# Potenza G 019 Grid vs. Potenza RE960AS vs. Toyo Proxes 4



## aaonms (Mar 20, 2002)

Wife’s Lexus IS300, 5-speed, is in need of new tires – OEM wheels, 215/45x17” tires.
Snow not an issue here, but want the ability to go north if the need arises.
Looking for any recent experience with any of these tires.
Bridgestone Potenza G 019 Grid
Bridgestone Potenza RE960AS Pole Position
Toyo Proxes 4
Tire Rack shows the Potenza RE960AS Pole Position as the 2nd place tire in their rankings and customer surveys have it at number 1. 
No rating/ranking information on the G 019 Grid.
Specs on Tire Rack Site show the RE960AS to have a .3” narrower Tread Width than the G 019 Grid.
Can’t do a head-to-head comparison with the Toyo as they don’t carry it.
Toyo and the Potenza G 019 Grid priced about the same and the RE960AS is ~$35 more per tire.


----------



## sydneysky84 (Oct 25, 2008)

*Re: Potenza G 019 Grid vs.
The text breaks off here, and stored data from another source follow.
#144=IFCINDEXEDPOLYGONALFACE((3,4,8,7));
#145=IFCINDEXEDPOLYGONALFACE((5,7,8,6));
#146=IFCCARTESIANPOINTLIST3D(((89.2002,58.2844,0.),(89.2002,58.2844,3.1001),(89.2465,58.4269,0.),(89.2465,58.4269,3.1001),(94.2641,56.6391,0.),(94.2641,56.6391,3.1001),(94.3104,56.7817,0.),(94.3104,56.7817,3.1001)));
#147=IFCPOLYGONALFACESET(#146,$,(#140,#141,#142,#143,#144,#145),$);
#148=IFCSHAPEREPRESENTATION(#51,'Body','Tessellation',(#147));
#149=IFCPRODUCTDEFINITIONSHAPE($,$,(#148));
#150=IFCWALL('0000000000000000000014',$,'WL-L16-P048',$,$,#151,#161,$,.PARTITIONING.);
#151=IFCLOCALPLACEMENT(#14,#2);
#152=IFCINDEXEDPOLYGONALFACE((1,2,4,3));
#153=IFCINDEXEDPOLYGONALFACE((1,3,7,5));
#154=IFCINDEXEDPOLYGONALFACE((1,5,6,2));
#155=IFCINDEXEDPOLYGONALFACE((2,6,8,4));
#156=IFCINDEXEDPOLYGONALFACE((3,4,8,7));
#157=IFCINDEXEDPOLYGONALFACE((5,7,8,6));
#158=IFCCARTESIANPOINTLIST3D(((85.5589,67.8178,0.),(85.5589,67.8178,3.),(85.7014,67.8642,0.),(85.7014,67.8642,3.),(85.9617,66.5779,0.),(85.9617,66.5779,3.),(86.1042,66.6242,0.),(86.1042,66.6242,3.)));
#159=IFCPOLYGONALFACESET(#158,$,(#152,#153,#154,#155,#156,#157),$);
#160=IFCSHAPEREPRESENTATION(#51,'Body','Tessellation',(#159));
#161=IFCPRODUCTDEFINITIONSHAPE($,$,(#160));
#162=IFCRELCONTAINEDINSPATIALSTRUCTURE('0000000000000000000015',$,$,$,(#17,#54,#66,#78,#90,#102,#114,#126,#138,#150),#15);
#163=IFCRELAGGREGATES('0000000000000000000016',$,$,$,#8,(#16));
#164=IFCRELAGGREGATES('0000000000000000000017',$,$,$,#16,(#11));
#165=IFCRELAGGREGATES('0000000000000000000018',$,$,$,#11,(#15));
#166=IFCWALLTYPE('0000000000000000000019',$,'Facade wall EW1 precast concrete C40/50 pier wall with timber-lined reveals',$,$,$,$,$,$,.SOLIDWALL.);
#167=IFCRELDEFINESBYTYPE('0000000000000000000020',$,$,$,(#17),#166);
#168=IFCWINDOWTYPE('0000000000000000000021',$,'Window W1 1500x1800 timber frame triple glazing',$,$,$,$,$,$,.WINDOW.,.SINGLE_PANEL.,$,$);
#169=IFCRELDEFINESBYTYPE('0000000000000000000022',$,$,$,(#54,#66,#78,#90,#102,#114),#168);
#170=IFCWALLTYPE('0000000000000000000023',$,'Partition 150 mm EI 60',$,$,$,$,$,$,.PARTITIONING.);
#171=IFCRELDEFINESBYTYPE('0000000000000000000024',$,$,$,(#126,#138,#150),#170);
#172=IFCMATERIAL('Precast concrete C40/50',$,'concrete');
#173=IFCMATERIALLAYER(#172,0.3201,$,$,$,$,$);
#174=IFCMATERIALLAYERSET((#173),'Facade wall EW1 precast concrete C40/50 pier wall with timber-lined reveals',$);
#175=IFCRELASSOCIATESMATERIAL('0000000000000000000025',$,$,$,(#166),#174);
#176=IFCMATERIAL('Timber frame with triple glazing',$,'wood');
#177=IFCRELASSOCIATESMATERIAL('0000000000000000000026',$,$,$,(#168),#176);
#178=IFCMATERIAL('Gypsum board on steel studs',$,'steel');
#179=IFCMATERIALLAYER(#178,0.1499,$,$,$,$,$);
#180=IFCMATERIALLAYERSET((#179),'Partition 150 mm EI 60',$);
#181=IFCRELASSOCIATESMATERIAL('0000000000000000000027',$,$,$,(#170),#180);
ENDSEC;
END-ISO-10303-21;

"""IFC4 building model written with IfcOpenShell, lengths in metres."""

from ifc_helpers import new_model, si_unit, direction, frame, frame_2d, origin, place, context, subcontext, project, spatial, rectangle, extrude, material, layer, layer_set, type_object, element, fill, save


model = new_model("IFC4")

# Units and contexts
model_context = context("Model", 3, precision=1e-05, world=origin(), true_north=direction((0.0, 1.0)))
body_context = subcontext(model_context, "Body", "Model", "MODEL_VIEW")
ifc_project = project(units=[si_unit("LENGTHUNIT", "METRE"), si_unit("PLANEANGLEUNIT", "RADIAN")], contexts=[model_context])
Potenza RE960AS vs. Toyo Proxes 4 (aaonms)*

sounds like the re960as are the ones to me anyone else


----------



## pturner67 (Dec 27, 2002)

*Re: Potenza G 019 Grid vs. Potenza RE960AS vs. Toyo Proxes 4 (aaonms)*


_Quote, originally posted by *aaonms* »_Wife’s Lexus IS300, 5-speed, is in need of new tires – OEM wheels, 215/45x17” tires.
Snow not an issue here, but want the ability to go north if the need arises.
Looking for any recent experience with any of these tires.
Bridgestone Potenza G 019 Grid
Bridgestone Potenza RE960AS Pole Position
Toyo Proxes 4
Tire Rack shows the Potenza RE960AS Pole Position as the 2nd place tire in their rankings and customer surveys have it at number 1. 
No rating/ranking information on the G 019 Grid.
Specs on Tire Rack Site show the RE960AS to have a .3” narrower Tread Width than the G 019 Grid.
Can’t do a head-to-head comparison with the Toyo as they don’t carry it.
Toyo and the Potenza G 019 Grid priced about the same and the RE960AS is ~$35 more per tire.
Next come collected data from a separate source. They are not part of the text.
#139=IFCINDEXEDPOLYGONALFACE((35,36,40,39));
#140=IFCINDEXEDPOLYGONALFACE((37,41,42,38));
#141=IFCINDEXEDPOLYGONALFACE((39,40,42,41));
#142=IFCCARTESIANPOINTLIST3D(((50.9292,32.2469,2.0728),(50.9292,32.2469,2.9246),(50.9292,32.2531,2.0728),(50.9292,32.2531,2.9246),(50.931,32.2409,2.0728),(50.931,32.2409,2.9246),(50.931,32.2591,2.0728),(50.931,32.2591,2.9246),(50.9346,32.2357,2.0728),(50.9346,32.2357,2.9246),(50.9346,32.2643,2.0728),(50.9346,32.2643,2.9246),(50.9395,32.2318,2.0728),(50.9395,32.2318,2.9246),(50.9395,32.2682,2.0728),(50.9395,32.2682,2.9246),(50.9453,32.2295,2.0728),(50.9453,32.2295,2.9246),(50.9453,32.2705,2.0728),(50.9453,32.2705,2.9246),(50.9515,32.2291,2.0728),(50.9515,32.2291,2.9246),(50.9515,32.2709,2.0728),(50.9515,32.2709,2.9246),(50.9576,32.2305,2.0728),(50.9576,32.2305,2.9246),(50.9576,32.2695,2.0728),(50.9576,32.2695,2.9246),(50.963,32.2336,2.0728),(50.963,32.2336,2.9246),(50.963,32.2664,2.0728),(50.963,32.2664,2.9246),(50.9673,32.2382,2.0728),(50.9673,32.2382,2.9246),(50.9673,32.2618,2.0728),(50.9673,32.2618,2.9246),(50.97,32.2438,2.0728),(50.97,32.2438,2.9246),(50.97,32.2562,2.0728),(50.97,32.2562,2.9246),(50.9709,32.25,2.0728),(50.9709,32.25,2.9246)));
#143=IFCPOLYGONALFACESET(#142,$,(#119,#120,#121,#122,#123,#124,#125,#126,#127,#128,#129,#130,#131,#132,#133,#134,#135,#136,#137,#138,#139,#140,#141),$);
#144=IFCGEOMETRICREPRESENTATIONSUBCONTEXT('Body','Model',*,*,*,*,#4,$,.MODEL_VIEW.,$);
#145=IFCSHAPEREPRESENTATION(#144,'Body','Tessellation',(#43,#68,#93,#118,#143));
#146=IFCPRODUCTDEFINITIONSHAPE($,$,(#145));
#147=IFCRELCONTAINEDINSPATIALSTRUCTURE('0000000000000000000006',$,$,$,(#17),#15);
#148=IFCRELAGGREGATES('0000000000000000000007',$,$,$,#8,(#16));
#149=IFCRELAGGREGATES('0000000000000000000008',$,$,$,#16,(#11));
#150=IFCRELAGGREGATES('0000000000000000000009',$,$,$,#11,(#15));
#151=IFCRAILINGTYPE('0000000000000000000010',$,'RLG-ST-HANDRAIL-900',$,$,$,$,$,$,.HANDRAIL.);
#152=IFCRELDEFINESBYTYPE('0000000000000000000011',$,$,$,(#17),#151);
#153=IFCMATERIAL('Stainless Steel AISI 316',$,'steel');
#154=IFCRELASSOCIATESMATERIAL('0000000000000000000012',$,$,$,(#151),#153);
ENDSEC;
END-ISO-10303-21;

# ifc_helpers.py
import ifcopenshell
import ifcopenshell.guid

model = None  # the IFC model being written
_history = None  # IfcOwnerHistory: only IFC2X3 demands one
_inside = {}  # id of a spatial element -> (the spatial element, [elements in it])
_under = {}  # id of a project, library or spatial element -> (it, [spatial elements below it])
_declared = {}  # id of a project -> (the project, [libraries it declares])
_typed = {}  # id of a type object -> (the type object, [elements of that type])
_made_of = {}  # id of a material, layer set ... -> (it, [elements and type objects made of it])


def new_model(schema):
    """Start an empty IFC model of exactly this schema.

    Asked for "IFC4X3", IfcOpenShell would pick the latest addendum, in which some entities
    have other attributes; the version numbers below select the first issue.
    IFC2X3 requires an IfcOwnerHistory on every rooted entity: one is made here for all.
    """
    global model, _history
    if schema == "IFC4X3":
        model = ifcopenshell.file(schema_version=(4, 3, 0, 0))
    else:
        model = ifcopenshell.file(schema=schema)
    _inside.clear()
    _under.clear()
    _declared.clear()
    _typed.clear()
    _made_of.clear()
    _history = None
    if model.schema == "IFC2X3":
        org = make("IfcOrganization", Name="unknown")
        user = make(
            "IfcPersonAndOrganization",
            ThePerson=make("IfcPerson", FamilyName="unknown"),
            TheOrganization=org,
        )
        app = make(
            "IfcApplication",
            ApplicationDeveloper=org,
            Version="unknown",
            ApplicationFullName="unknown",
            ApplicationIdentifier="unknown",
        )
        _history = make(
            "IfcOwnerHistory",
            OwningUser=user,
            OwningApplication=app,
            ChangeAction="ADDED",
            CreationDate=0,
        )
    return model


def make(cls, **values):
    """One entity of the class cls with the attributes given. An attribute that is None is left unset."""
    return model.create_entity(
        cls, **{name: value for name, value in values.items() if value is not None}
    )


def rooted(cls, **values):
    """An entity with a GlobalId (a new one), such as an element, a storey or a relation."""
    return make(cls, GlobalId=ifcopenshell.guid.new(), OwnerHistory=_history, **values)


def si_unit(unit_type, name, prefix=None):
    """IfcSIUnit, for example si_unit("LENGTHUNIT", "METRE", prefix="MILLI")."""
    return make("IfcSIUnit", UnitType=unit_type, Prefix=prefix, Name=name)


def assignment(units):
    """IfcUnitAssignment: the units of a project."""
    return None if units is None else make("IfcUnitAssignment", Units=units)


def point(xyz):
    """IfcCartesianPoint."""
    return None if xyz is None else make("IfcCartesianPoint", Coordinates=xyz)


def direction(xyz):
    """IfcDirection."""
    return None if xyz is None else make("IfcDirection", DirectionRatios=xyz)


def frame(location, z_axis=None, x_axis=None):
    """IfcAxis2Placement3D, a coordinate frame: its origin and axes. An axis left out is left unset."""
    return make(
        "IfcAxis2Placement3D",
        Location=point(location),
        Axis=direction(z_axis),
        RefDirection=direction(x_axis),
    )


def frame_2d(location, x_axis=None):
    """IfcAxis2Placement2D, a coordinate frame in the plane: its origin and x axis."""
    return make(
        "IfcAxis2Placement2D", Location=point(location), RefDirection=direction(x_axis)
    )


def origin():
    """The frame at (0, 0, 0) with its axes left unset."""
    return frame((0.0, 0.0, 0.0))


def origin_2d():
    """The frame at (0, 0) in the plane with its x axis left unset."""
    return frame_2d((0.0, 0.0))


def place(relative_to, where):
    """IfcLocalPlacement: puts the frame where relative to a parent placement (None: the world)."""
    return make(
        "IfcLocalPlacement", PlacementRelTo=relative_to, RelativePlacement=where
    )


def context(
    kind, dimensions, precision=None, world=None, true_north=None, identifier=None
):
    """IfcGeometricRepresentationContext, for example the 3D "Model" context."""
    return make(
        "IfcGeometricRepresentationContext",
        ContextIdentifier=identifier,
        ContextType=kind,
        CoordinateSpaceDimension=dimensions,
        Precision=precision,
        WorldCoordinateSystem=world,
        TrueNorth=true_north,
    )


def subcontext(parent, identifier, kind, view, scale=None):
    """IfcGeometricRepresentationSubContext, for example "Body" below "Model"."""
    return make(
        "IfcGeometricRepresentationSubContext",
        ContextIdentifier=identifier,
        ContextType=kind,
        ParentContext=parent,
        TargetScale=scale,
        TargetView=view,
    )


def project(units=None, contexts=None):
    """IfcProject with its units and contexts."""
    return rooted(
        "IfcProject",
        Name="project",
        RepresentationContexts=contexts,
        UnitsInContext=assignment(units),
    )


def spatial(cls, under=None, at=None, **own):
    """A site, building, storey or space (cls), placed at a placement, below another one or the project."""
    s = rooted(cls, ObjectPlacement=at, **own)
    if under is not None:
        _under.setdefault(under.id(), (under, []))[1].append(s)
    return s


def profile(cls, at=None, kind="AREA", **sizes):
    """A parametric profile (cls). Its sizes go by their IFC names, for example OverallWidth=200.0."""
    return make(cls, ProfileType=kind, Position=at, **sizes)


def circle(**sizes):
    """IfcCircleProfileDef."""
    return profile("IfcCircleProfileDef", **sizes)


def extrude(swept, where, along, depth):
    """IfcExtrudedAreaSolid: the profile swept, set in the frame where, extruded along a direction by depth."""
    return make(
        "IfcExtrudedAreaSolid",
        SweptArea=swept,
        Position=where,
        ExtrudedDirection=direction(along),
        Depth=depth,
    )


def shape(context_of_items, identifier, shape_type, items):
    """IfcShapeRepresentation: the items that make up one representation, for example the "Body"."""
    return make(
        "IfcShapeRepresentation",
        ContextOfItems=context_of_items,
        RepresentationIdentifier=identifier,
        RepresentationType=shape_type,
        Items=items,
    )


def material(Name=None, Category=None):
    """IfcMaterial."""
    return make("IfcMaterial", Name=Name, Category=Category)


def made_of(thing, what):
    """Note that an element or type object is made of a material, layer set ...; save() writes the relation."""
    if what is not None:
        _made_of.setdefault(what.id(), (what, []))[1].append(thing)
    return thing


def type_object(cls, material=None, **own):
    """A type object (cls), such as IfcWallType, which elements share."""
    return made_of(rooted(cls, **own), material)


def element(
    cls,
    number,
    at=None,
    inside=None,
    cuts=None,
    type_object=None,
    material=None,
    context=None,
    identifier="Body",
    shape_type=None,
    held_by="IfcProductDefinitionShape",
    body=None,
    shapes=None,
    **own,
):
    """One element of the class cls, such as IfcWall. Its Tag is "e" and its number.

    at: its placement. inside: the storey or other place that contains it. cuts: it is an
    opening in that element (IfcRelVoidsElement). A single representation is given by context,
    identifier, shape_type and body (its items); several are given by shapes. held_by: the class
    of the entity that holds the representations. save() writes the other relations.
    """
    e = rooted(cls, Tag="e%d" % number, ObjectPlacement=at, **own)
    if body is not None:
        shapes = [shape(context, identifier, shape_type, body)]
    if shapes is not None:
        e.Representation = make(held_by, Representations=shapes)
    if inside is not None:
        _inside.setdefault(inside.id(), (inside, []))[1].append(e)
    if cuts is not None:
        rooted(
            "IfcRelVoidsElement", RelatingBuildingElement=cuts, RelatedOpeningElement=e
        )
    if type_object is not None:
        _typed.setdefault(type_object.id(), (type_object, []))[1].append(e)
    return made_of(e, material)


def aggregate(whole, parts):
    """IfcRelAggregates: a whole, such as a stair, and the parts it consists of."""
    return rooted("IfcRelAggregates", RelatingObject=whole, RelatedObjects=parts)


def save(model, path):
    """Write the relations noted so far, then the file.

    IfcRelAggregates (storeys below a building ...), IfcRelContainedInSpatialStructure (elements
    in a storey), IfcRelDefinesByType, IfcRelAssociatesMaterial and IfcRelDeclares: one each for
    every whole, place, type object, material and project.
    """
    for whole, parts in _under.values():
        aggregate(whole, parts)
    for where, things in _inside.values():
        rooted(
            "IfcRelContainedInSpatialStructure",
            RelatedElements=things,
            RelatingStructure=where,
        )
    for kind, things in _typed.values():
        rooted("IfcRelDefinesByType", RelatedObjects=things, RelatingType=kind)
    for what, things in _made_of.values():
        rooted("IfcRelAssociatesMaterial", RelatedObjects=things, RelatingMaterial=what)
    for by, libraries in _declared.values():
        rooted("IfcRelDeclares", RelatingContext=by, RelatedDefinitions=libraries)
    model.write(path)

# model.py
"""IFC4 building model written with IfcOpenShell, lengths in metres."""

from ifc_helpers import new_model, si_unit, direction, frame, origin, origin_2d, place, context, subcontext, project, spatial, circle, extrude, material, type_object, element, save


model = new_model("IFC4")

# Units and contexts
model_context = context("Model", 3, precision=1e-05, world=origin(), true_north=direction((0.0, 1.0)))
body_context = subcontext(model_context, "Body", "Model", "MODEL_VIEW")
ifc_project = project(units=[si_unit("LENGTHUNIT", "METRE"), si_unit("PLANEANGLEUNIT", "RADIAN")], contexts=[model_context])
Grid is loud (and not an uhp/all season tire like the other 2)...Toyo is a value tuner tire...potenza 960 is a great tire...I suggest you put good rubber on a Lexus or you will make it drive/sound like a Ford Escort











_Modified by pturner67 at 7:06 AM 11-19-2008_


----------



## [email protected] (Apr 9, 2008)

*Re: Potenza G 019 Grid vs. Potenza RE960AS vs. Toyo Proxes 4 (aaonms)*

G019 is one step down from the RE960 it terms of "high performance" characteristics, so while they may not be as responsive when pushed hard they should be a little more durable.


----------



## JDam (Jan 14, 2008)

960as Pole Position all the way!
great performing all weather tire.


----------



## yepitsslow (May 26, 2005)

*Re: (JDam)*

proxes4's fail


----------



## aaonms (Mar 20, 2002)

*Re: (yepitsslow)*


_Quote, originally posted by *yepitsslow* »_proxes4's fail

First time I’ve seen this comment.
Elaborate, please...


----------



## yepitsslow (May 26, 2005)

*Re: (aaonms)*

I work at a tire dealer and i have had probably 20 different sets of tires on my jetta, the only thing that i did like about the proxes 4 was water treading, other than that they had poor tread life i thought the were weak on warm dry pavement as well as cold dry. they were fair in the snow for being a performance minded tire but lacked the performance from my own personal experience. To each their own though, we have lots of customers that are satisfied with them. Just thought i'd give you my input.


----------



## aaonms (Mar 20, 2002)

*Re: (yepitsslow)*

Thanks for the input – saved me from incurring the wrath of She-Who-Must-Be-Obeyed/She-Who-Owns-The-Corvette.
Spoke with Doc today and chose something different based on his information/recommendation...
I’ve never been a fan of Goodyear street tires, but following our conversation, decided to give the Eagle GT a try.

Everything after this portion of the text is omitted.